As the cold weather intrudes and renders my beloved tubes gummy and slow, I decided to finally give this idea a try.

Seems to work fine. One 17" strip on each side with a hitch knot at the pouch. Ends up same width as one regular flatband. The flats hold in the keeper slots no problem folded over. Put 100 rounds downrange without any damage/wear to elastic. Narrow-cut bands slipped through the side holes without much complaint.

Tubes are still easier, but if you cut a bunch of long strips of 1/2" Theraband you could be good to go for a day of shooting without needing any jigs, ties, or wraps when sets break.


----------



## Grandpa Grumpy (Apr 21, 2013)

No ties - no jigs is always good.


----------



## JTslinger (Jan 26, 2015)

Man, I can't wait until these are available.


----------



## Rayshot (Feb 1, 2010)

You know I am going to have try it!!


----------



## Colliedog (Dec 12, 2015)

I like that a lot.


----------



## WARWGN (Nov 18, 2015)

Very cool! Can I see a picture of the other side?

Sent from my SPH-D710 using Tapatalk


----------



## Byudzai (Aug 31, 2013)

You bet:


----------



## Barky Bow (Jun 14, 2014)

Ooooooh I am definitely going to give that a go. There is a little something about alli and TBG that just look good together. 
But saying that I don't think anything will look bad with such a sweet looking shooter.
Nice work Byudzai and another reason why people want one of your shooters.
Me likeee!!!


----------



## you'llshootyereyeout (Apr 5, 2014)

Sweet!!! Yep the chilly temp sure does take the stank out of the 1/8" tubes. I'll be trying the TBG on my old school Viper attachment. BTW the differance between Viper and Python attachment methods is the python wraps around the fork once more?


----------



## Byudzai (Aug 31, 2013)

BROOKS coined the python idea to contrast with the original design intended for thicker frames.


----------



## monkeyboab (Aug 13, 2011)

Nice one Byudzai its good to know you can use flats if you fancy it with these. They look fantastic  Really looking forward to putting some ammo through one.


----------



## Colliedog (Dec 12, 2015)

Definitely a good idea as myself like many hate tubes and prefer flats.

Thumbs up from me


----------



## Chuck Daehler (Mar 17, 2015)

Slick invention (again), Alex! Double half inch TBG is some strong stuff. You ought to do a velocity vid about now, betcha could get a velocity badge easily on this set up. That's an inch of TBG on each side and a nice draw length...17 inch strips with the hitch knot and fork anchor sort of translate into 7 inch free rubber on each side...one snappy set pulled 30+ inches.

It's great your attachment method slash invention now is proven to work with tubes or flats.


----------



## Tendele (Nov 29, 2014)

I havent seen anyone use the half hitch at the pouch before.
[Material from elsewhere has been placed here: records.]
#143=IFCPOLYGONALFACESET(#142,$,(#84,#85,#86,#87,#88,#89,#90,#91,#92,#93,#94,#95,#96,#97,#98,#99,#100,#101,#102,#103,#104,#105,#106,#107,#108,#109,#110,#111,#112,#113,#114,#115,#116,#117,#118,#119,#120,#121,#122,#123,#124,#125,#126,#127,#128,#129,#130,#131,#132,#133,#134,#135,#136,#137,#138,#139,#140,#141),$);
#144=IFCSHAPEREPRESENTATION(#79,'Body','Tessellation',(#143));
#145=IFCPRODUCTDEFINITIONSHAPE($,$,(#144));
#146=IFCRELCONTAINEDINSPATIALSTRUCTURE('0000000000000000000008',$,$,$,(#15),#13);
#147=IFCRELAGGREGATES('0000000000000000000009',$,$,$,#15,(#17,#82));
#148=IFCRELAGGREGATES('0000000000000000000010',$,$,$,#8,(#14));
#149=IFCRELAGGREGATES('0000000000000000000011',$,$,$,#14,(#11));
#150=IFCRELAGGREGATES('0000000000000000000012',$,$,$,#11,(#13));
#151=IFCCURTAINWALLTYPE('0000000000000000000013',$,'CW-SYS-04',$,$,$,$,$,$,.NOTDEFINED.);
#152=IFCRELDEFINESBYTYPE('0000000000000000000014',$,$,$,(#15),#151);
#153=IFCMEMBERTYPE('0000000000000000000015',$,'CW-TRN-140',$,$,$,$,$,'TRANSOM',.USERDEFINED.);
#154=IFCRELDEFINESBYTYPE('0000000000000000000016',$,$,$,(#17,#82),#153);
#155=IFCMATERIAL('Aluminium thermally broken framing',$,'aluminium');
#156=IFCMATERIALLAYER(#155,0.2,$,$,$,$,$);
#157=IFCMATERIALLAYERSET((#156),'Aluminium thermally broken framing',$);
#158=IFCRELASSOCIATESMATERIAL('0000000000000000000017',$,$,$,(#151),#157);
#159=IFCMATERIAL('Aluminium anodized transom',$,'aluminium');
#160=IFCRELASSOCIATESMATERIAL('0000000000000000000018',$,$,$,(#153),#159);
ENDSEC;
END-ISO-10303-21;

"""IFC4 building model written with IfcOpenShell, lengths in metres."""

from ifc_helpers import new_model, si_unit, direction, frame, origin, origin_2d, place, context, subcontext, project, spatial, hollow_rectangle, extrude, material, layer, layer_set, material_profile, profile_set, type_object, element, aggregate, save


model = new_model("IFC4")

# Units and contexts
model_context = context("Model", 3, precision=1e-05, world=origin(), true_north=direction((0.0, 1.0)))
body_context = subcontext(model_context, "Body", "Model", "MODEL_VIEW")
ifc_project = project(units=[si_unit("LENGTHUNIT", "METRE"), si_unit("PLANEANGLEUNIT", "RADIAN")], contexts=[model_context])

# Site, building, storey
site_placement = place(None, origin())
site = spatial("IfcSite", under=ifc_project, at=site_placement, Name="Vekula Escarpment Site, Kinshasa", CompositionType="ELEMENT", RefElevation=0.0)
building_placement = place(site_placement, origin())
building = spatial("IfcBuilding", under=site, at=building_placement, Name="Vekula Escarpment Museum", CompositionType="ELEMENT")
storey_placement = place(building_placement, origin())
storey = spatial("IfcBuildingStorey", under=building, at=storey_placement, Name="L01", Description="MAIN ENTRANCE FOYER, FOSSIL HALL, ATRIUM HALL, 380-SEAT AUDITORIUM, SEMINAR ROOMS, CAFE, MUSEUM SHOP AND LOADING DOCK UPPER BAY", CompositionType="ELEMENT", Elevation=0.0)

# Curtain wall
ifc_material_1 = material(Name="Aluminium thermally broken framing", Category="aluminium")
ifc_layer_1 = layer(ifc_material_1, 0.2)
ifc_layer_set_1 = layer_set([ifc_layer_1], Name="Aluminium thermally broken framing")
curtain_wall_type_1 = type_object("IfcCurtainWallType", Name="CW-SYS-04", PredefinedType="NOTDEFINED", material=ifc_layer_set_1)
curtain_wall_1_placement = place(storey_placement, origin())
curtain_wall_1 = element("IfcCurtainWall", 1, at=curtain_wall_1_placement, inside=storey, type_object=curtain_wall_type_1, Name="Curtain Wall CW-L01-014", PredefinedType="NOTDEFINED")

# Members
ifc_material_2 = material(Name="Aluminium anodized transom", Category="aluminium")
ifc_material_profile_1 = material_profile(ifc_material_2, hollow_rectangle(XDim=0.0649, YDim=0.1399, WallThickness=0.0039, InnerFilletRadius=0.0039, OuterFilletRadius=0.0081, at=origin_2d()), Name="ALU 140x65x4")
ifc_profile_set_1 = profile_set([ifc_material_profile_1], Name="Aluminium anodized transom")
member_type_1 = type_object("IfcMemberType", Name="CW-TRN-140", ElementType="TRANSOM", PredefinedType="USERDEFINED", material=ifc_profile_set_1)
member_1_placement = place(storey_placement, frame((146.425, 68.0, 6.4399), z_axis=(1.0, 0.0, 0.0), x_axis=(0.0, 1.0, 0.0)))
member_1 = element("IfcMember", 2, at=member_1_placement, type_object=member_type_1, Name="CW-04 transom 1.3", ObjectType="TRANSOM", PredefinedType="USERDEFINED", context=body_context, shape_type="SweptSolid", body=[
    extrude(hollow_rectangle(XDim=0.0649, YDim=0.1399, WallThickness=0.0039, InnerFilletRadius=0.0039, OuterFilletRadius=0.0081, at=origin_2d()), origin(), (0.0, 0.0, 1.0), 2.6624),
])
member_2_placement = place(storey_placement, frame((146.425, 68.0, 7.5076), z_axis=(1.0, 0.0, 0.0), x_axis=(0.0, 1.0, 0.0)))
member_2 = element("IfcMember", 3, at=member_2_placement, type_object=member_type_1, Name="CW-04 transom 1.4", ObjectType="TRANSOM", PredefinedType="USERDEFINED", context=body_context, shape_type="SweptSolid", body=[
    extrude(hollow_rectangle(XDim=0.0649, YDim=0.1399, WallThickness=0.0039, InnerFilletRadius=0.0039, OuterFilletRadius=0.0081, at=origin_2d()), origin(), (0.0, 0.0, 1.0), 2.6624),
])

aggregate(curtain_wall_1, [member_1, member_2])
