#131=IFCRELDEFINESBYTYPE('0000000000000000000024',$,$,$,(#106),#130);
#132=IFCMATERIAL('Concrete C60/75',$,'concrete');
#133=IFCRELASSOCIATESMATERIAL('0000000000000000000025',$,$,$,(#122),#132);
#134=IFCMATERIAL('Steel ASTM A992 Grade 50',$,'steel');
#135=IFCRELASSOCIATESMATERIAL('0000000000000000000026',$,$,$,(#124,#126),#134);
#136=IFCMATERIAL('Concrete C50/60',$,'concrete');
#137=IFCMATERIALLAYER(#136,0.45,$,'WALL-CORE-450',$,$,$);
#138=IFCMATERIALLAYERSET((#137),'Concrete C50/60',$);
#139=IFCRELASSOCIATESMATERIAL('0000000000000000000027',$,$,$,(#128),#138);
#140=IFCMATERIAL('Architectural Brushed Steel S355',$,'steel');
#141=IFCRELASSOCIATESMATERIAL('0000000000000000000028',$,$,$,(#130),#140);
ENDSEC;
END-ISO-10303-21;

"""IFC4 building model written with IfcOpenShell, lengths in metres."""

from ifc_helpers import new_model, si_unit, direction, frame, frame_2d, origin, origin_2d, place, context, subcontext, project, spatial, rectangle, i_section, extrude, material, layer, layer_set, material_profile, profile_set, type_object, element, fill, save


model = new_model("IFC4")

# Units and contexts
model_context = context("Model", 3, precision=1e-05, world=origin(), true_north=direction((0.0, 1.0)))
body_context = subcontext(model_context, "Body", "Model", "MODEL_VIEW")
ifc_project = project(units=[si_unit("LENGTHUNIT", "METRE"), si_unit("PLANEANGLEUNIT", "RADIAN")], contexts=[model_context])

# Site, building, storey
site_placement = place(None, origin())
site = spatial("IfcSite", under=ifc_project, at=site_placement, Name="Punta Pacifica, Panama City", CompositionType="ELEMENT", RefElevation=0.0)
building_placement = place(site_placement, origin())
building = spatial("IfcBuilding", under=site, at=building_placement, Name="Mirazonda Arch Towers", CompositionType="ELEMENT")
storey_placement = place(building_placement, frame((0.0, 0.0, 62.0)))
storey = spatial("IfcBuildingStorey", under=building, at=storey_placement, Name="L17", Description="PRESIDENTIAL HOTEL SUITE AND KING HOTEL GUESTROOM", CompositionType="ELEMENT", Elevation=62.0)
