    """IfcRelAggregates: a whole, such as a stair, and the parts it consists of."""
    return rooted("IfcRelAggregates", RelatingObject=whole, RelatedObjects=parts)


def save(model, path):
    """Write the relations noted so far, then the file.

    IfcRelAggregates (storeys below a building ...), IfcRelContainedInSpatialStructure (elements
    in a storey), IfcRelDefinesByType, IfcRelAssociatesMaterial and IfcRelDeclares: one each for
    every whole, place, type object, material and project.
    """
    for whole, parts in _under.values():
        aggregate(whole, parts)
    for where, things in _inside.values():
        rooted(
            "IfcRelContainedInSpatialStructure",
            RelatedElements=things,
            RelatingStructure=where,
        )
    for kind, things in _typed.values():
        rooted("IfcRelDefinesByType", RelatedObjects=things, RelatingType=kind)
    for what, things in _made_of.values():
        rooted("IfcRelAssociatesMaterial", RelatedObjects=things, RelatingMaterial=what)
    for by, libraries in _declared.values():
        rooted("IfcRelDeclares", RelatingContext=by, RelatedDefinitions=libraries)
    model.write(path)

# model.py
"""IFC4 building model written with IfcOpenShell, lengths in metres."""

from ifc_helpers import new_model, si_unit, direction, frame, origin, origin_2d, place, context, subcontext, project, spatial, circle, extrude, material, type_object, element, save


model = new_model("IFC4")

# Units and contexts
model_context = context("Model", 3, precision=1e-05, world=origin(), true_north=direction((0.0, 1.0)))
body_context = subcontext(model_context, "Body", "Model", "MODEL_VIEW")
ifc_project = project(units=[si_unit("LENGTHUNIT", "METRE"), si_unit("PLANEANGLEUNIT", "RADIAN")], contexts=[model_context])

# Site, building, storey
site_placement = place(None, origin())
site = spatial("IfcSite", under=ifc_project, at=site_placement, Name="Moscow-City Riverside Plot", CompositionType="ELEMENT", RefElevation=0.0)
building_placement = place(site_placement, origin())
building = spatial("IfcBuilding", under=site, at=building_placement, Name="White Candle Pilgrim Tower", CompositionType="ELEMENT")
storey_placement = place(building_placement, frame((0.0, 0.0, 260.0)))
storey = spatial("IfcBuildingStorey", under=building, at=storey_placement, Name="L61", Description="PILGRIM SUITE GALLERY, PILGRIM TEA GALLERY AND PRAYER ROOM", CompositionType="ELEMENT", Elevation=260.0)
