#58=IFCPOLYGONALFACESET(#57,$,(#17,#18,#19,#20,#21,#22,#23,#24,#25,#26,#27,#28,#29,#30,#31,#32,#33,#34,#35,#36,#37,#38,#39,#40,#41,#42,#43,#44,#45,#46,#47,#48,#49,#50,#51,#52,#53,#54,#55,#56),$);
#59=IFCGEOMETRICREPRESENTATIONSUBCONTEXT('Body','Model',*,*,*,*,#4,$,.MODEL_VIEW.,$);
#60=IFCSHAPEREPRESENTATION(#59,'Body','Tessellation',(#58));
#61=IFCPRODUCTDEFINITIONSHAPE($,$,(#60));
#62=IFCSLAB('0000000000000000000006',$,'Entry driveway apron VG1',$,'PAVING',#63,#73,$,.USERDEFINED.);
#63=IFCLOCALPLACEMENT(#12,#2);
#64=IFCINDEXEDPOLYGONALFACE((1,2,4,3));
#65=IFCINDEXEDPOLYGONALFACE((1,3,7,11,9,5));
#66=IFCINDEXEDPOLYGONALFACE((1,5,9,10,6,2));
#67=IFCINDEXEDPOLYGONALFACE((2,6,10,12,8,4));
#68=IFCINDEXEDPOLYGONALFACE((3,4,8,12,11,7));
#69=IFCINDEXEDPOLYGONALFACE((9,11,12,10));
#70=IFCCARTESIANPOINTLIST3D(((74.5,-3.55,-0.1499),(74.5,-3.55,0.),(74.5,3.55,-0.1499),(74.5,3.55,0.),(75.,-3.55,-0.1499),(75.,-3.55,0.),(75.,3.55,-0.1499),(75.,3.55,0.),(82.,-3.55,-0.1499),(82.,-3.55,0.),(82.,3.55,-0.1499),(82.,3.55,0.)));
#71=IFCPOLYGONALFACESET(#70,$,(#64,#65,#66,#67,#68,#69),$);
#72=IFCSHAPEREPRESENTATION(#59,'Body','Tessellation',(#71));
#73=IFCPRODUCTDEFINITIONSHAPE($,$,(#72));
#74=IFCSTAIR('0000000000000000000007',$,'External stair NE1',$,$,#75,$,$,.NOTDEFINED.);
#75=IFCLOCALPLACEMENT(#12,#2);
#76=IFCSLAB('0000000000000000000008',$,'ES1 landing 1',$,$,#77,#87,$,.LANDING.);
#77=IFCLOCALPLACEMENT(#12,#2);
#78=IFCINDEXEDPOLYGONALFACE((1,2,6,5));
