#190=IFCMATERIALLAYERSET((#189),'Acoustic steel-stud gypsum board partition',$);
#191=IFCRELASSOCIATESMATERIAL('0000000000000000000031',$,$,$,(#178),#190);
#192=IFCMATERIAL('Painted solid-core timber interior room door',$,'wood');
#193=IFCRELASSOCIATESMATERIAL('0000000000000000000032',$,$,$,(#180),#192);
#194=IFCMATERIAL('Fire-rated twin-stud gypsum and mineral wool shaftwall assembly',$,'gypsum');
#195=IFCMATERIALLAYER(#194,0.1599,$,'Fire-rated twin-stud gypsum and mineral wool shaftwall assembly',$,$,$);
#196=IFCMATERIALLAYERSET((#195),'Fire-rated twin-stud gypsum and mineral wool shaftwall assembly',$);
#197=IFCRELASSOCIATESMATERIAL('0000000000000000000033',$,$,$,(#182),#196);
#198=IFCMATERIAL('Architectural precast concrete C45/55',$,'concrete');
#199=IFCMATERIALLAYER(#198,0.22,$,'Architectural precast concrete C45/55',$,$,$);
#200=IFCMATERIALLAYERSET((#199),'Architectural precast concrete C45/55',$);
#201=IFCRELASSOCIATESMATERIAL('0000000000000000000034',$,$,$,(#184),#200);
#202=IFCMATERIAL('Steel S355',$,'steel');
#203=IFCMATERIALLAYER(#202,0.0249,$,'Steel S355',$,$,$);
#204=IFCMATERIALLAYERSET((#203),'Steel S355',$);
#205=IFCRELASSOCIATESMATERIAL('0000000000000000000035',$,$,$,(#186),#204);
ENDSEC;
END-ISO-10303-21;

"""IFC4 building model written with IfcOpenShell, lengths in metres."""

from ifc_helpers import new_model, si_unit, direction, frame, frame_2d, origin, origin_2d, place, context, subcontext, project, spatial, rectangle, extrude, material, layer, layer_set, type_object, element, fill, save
It seems so much easier than tying the theraband to the pouch. A couple of questions, could you use 16mm wide bands at pouch and still do the half hitch , and do you think the half hitch will last as long as normal tying style (thin strips of theraband wrapped around the band) before breaking at the pouch end.?


----------



## Byudzai (Aug 31, 2013)

Tendele -- I can't say for sure. I'll keep shooting with it and let you know. I'm mostly a stranger to theraband gold ;-)


----------



## K Williams (Dec 9, 2015)

How do I got about ordeeing a FlatCat slingshot? Thanks.


----------



## Barky Bow (Jun 14, 2014)

K Williams said:


> How do I got about ordeeing a FlatCat slingshot? Thanks.


You express your interest as you have done. Then you wait in line with all of us and eagerly await the time that Mr Byudzai has got to a point where he has some for sale. This has been going on for a long time but I think you will agree it's going to be well worth the wait!!
Welcome to the fan base hahahaha


----------



## Byudzai (Aug 31, 2013)

Almost ready to ship the first 20...


----------



## monkeyboab (Aug 13, 2011)

Wow, slingshot heaven!


----------



## Byudzai (Aug 31, 2013)

Sigh. They aren't right. I'm gonna redraw and get a new batch done. May send these out as freebies but they really aren't quite right.


----------



## quarterinmynose (Jan 21, 2012)

Oh man! flats? now your speaking my language man.


----------



## Skook (Jul 25, 2015)

Byudzai,
Those frames look like diamonds in the rough, and they are just lacking a little tlc to being productive target slappers and game getters!
I really liked your simplified girth hitch band to pouch attachment, and am going to give it a shot next time I cut bands.
Skook

Sent from my SCH-I545 using Tapatalk


----------



## Resigned User (Jul 4, 2015)

Byudzai said:


> Sigh. They aren't right. I'm gonna redraw and get a new batch done. May send these out as freebies but they really aren't quite right.


What's wrong with them? 
Maybe we can fix them?! 
Let one find the way to my home


----------



## JTslinger (Jan 26, 2015)

What's wrong with those ones?


----------



## Byudzai (Aug 31, 2013)

I got overly enthusiastic about the routering and discovered that a flat surface where the third finger contacts the frame is critical. I can add a new flat there but it changes the feel. Over-rounding also detracted from the feel/grip at the pinky hole.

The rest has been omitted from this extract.